So he gained a nice layer of insulating fat or not? I always thought that you have problems when the horses don't gain as much weight. My horse's grandmother was like that and needed special care in winter. She was bone thin and they couldn't put any weight on her anymore. She was pushing 40 when she died though. 

Personally speaking, if the temperatures are below 25F, I would definitely put a heavy winter coat on your horse + liner. <- Only because a couple Christmases ago we bought a tree from a farm where the horses were kept outside. It was freezing out and there was that frozen drizzle, and as far as I could see the horses did not have any shelter and were ankle deep in mud. 

And they had blankets on. And were fieldies so were somewhat stout and furry. <- But I still felt horrible for them. They looked cold, wet, and miserable.  

*mentally hugs my spoiled old man just thinking about those guys*

In summer, I probably would leave the blankets off during the day and blanket him at night (if the temps drop below 35). If you have a gradual cooling period, it's best to allow as much moderate exposure as possible so they grow a coat and put on winter weight. So that's why we don't put a sheet on until late october and my barn keeps the blankets off until the temperatures drop below freezing at night.

*** If the coyotes or even wild dogs try breaking into the fields to get at the horses, they are going to get an unpleasant shocking surprise at the zap fence.  

Seriously though - the horses are safer out in the pasture where they can get away or fight for their lives. There was a horrible local story about a horse who had been mauled to death by a couple wild dogs who got into her stall. It's the one thing I worry about with my horse. The thought of something happening to him makes me sick.


----------



## Ranger (Nov 11, 2009)

Sorry Megora, I was a little unclear. From his retirement in 2006 until Summer 2009, he's been super fat (see first pic) and going into winters with lots of fat. He was _too_ heavy so I left blankets off, hoping he'd shiver away some of his excess fat. 

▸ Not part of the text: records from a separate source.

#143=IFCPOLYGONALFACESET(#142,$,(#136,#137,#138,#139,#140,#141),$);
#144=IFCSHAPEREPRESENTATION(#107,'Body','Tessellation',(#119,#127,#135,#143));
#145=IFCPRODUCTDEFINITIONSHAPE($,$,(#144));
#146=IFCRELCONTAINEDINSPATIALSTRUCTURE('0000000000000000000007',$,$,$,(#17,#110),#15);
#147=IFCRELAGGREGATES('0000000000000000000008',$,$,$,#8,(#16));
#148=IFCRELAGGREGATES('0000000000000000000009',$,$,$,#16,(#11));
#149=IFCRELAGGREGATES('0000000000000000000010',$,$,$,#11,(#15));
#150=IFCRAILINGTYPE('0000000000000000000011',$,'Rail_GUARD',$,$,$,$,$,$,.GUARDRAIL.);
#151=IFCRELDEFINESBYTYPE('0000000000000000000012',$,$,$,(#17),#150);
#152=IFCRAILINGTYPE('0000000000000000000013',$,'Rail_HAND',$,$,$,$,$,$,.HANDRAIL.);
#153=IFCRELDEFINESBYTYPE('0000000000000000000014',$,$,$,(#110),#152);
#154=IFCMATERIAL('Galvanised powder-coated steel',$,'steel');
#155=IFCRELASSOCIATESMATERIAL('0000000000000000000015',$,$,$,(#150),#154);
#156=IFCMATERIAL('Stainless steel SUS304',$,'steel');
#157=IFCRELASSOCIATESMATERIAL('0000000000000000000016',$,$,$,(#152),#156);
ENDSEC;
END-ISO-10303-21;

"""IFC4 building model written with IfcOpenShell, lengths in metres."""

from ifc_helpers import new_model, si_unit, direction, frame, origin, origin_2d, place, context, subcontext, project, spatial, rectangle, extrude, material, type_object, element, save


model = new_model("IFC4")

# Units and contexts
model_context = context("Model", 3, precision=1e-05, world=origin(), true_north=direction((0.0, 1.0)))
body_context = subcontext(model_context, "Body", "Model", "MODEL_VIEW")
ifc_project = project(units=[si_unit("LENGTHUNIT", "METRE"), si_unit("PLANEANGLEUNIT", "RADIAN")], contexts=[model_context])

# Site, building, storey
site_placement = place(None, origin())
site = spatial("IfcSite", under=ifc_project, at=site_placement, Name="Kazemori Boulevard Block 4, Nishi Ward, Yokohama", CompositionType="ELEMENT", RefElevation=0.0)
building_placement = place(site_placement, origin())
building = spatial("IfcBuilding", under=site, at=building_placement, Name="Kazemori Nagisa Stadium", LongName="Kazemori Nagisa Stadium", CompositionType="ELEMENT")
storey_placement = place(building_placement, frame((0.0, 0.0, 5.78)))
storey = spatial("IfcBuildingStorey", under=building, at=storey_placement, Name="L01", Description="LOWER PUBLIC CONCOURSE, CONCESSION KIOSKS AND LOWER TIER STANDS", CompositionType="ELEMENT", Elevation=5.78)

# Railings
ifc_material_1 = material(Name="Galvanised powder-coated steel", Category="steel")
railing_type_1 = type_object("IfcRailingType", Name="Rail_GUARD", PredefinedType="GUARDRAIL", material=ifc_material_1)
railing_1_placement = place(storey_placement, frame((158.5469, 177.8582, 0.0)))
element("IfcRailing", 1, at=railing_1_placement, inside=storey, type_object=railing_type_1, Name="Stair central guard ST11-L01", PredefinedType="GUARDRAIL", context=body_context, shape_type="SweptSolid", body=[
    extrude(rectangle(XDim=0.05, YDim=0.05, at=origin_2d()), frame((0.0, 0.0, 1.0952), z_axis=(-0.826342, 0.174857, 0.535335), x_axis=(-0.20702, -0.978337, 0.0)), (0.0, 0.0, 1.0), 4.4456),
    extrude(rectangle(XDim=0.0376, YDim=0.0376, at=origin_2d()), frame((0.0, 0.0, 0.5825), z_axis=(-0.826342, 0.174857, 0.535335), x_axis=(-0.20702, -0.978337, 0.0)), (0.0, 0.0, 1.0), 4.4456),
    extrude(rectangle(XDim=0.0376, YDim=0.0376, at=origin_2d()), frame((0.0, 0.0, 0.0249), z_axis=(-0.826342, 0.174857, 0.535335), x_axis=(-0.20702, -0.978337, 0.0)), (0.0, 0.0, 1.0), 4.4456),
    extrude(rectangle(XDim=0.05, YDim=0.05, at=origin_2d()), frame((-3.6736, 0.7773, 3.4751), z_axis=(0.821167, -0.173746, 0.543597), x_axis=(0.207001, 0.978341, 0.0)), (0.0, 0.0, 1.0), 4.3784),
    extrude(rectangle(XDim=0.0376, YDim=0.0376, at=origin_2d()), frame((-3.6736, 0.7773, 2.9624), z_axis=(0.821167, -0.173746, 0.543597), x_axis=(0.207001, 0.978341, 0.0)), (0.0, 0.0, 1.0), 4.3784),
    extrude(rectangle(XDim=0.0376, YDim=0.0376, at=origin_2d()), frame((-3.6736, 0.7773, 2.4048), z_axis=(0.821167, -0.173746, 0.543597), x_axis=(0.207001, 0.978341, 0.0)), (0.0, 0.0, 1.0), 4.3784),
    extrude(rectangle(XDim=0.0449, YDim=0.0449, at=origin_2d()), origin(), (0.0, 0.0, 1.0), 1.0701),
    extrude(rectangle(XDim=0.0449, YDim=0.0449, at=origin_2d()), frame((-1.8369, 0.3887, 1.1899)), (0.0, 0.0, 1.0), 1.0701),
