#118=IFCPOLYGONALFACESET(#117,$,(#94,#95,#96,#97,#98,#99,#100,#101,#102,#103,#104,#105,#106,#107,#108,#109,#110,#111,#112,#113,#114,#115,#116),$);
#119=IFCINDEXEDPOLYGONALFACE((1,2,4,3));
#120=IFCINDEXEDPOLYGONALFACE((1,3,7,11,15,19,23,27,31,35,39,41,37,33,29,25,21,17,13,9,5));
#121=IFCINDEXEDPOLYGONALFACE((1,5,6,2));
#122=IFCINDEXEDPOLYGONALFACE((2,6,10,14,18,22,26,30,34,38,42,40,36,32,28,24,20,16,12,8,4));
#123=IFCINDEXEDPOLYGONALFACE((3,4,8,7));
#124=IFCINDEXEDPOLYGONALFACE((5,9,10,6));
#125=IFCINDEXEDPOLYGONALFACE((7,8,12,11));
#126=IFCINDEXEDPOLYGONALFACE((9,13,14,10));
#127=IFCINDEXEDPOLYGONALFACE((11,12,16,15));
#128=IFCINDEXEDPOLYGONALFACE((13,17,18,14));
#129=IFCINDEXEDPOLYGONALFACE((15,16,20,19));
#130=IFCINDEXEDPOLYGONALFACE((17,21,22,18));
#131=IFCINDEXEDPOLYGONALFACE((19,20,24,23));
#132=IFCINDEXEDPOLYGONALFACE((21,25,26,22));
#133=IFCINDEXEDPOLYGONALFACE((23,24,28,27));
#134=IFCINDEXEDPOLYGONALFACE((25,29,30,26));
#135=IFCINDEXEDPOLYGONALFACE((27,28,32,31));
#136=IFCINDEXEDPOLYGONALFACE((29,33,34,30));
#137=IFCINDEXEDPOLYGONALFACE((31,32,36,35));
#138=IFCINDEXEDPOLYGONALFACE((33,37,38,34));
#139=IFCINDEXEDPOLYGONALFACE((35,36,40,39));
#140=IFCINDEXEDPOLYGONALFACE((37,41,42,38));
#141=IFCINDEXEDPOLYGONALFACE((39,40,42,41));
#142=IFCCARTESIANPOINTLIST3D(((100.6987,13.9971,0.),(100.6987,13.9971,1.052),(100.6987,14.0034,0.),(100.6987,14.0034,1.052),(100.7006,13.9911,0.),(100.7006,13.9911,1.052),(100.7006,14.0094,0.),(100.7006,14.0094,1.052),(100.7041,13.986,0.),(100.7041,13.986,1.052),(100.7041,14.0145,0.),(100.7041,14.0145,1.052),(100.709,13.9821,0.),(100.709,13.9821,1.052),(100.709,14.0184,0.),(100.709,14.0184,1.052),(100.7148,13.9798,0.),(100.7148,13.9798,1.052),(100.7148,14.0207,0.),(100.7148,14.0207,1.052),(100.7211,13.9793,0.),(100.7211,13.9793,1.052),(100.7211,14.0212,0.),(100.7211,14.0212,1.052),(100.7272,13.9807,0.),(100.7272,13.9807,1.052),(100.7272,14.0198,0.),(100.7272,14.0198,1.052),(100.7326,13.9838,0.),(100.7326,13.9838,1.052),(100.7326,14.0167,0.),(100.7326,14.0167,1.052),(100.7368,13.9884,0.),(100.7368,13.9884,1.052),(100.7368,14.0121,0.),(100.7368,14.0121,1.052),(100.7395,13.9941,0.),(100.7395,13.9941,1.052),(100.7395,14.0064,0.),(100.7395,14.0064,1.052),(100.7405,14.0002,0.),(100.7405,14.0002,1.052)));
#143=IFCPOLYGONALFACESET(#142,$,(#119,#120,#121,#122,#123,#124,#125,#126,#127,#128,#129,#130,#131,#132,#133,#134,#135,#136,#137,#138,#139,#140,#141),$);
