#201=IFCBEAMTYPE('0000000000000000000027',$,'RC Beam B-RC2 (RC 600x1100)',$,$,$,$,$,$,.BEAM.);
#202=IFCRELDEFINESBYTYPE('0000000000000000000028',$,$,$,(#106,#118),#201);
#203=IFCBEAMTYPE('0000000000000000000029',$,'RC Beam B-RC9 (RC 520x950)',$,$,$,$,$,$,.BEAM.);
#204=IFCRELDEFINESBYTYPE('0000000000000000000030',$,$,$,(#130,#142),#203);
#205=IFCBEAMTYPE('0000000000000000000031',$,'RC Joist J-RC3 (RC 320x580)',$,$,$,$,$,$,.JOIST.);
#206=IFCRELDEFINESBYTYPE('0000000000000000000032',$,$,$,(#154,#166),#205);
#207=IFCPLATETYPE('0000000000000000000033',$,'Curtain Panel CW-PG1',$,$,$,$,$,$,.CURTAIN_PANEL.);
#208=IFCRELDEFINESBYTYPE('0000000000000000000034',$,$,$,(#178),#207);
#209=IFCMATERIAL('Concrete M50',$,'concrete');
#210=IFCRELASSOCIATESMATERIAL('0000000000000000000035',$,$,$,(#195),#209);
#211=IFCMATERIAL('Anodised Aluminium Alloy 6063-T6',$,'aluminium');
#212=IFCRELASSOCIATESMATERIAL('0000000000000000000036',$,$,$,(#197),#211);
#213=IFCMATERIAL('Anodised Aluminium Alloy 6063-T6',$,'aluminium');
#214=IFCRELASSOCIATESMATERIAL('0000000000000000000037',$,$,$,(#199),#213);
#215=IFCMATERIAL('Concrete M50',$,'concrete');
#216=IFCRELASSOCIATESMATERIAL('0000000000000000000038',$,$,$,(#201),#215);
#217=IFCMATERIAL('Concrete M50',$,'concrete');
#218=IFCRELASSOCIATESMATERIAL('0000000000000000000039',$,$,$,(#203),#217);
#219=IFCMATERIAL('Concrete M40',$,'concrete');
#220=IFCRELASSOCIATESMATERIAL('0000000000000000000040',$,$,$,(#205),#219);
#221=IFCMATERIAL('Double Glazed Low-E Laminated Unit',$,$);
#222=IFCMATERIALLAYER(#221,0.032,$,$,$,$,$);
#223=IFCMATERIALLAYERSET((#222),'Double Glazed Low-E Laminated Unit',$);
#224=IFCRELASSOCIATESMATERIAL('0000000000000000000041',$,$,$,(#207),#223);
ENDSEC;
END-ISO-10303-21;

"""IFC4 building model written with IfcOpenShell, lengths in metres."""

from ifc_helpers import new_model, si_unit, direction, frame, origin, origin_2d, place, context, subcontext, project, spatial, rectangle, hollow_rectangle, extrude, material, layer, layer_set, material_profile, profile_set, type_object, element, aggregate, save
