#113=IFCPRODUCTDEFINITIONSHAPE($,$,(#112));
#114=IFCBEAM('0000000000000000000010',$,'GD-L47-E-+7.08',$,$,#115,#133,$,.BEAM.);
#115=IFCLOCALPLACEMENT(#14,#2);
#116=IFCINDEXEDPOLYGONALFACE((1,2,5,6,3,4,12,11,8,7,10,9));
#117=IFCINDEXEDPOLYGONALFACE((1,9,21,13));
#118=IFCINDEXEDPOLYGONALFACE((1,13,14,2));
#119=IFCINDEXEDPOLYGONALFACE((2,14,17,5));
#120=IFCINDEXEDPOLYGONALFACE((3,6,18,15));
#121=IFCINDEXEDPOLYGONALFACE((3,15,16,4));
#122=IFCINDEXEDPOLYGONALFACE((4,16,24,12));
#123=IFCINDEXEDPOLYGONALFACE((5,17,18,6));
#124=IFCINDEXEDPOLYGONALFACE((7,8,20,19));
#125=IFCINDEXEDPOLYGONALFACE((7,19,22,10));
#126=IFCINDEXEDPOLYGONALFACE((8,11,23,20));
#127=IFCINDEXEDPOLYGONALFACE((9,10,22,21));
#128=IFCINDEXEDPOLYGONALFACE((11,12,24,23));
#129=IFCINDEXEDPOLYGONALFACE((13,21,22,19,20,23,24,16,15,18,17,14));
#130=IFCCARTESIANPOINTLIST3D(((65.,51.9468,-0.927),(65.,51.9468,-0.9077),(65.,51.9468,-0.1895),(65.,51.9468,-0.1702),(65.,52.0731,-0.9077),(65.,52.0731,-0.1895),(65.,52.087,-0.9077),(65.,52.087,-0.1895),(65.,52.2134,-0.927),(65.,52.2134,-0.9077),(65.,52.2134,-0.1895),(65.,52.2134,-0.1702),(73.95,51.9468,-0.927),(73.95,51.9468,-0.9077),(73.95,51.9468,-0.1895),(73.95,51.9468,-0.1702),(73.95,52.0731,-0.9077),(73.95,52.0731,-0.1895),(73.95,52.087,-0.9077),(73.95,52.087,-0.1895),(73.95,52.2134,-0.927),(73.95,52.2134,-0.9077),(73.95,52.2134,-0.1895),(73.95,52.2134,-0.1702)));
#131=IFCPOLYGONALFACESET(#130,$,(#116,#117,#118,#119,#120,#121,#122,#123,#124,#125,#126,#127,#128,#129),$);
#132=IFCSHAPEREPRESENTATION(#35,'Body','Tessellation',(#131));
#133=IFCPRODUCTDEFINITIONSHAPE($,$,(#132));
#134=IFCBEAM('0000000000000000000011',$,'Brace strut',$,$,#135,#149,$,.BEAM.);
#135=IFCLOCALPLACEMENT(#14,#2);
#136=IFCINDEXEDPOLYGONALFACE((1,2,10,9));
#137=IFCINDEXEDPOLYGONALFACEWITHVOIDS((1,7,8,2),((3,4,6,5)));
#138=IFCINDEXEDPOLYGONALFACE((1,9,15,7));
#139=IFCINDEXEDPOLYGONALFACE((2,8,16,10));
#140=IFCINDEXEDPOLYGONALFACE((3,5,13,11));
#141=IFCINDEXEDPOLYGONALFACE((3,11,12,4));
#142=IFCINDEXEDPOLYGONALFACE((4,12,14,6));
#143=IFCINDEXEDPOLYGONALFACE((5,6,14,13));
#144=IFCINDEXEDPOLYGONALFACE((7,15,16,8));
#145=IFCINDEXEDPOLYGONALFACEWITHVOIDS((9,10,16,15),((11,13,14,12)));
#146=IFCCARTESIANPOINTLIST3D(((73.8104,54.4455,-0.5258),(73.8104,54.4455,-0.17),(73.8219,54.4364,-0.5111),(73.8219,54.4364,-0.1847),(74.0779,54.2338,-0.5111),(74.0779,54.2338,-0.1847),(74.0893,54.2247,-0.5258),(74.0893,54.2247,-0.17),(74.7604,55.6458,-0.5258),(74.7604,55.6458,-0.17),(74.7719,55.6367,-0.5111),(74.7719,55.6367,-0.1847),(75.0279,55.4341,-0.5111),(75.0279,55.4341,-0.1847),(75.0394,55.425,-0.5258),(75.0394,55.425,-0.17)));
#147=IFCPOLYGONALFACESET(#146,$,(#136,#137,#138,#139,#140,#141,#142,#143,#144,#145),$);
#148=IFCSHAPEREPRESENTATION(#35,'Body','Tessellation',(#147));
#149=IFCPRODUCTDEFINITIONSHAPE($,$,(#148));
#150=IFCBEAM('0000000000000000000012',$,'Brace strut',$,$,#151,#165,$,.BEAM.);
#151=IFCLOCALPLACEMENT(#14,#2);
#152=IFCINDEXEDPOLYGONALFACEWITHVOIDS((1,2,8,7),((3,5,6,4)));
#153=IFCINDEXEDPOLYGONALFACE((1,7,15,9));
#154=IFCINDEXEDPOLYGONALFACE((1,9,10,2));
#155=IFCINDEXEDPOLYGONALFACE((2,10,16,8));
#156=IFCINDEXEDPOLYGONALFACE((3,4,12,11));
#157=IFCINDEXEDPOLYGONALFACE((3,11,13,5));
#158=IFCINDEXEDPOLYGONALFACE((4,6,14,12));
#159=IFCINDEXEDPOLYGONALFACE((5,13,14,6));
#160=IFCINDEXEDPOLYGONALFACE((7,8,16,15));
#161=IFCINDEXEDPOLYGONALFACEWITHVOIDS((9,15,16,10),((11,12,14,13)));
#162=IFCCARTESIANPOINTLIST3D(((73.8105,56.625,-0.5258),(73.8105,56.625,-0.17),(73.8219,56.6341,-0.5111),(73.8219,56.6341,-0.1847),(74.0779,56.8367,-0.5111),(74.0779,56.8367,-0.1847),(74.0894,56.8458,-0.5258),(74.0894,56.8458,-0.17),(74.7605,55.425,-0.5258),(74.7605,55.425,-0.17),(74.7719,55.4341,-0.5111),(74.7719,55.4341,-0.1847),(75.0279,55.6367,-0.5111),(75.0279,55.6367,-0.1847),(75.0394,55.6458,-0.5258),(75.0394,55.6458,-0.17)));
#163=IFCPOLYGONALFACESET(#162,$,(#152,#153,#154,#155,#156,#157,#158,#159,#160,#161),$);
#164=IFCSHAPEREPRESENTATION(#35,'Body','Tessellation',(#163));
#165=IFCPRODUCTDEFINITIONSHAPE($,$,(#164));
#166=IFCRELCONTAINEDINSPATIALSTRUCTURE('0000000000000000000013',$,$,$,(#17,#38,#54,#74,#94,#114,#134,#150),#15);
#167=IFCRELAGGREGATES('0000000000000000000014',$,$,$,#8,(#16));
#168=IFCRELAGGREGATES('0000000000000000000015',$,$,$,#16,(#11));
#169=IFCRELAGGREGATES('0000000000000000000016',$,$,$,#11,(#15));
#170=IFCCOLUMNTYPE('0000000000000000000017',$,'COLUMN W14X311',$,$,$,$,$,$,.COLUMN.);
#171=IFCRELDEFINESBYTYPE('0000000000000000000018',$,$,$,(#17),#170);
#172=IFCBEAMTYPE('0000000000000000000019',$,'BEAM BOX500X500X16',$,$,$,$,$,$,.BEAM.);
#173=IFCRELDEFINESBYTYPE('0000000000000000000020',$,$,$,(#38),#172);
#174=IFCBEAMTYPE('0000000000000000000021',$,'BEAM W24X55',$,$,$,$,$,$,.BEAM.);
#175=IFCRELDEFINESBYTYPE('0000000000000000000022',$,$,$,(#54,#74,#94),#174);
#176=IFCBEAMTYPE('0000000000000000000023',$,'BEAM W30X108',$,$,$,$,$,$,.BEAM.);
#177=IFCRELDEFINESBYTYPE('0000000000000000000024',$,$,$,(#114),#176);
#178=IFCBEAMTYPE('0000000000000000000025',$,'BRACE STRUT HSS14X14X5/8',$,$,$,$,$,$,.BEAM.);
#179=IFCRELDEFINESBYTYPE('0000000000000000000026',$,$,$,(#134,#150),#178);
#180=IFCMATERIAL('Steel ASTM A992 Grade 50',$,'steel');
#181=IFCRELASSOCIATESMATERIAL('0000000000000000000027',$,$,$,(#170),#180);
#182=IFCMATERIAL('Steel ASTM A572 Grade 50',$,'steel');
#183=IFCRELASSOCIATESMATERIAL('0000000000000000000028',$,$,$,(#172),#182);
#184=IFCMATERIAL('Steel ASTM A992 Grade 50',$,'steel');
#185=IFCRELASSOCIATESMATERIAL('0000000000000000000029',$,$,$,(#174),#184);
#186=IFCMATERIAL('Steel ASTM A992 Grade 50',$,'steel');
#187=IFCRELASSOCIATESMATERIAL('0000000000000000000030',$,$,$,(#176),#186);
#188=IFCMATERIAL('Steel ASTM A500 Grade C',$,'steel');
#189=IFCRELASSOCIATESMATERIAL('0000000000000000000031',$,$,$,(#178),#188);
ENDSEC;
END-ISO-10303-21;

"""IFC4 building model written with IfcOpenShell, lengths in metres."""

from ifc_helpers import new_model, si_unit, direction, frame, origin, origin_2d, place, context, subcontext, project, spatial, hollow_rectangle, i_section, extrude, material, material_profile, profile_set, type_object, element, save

Last summer, he moved to a barn where they don't feed round bales and since he's gone to the square bales, has dropped about 200-400 lbs (which is great) and he's now going into his first winter since 2006 NOT being overweight. Which is why I'm more concerned for him this year. The winters previous, he was either naked most of the time, or had a single blanket on when it was super cold. I didn't worry too much because of the extra fat he had on him.

But now he's almost a little skinny (again, which is fine since the less weight he has on his sore leg the better). He's not a hard keeper and doesn't usually lose weight over the winter...so long as he's warm. Which is why I'm pulling out a bunch of blankets that haven't been used since he was actively ridden and shown.

*lennap - *it's weird that coyotes would go after healthy horses. We have them around here (one followed me and Ranger all the way to the barn one night) but they leave the full grown horses alone. I'd be worried about wolves, but we don't have them here either!


----------



## Maxs Mom (Mar 22, 2008)

Yeah coyotes around here don't go after anything their own size unless it is infirmed. I have seen them in our horse paddocks with our horses, just passing through. 

G&H has a point, they will toughen up... if you let them. Perhaps a lightweight waterproof garb through really cold weather. He will grow hair. He has shelter, water, hay that will keep him warm. I know we coddle these spoiled retired show guys, but they do adapt. 

The frozen horse sounds a little fishy to me... sorry. We had a snap where it was 40c below actual, stories of ears falling off outside animals but none got worse frost bite than that. Now I have heard of outside horses being struck by lightning.... 

Some horses are wimpier than others. Maybe Virgil is a momma's boy. Tell him to toughen up : Sayler was good as long as he had food. I think Pete would have been tougher to transfer to an outside horse. He liked his turn out time but....Are you sure he gets along ok with his pasture buddies? That was what we had issues with in Sayler. Serious issues. He dropped almost 200-300 pounds. I moved him and life was good, fattened right back up too.


----------



## Ranger (Nov 11, 2009)

Oh Virgil has definitely turned into a mama's boy. I'm his "person" and he starts nickering when he sees my truck driving along the road. Always greets me at the gate...

I guess the problem is - 40 isn't unusual here. It's -30 to -40 here for weeks at a time and that's before wind chill. Occasionally it'll drop to -45. And Virgil's just never grown hair, even the summers/falls that he was practically naked when I was trying to get him to grow a good winter coat so I wouldn't have to blanket him. 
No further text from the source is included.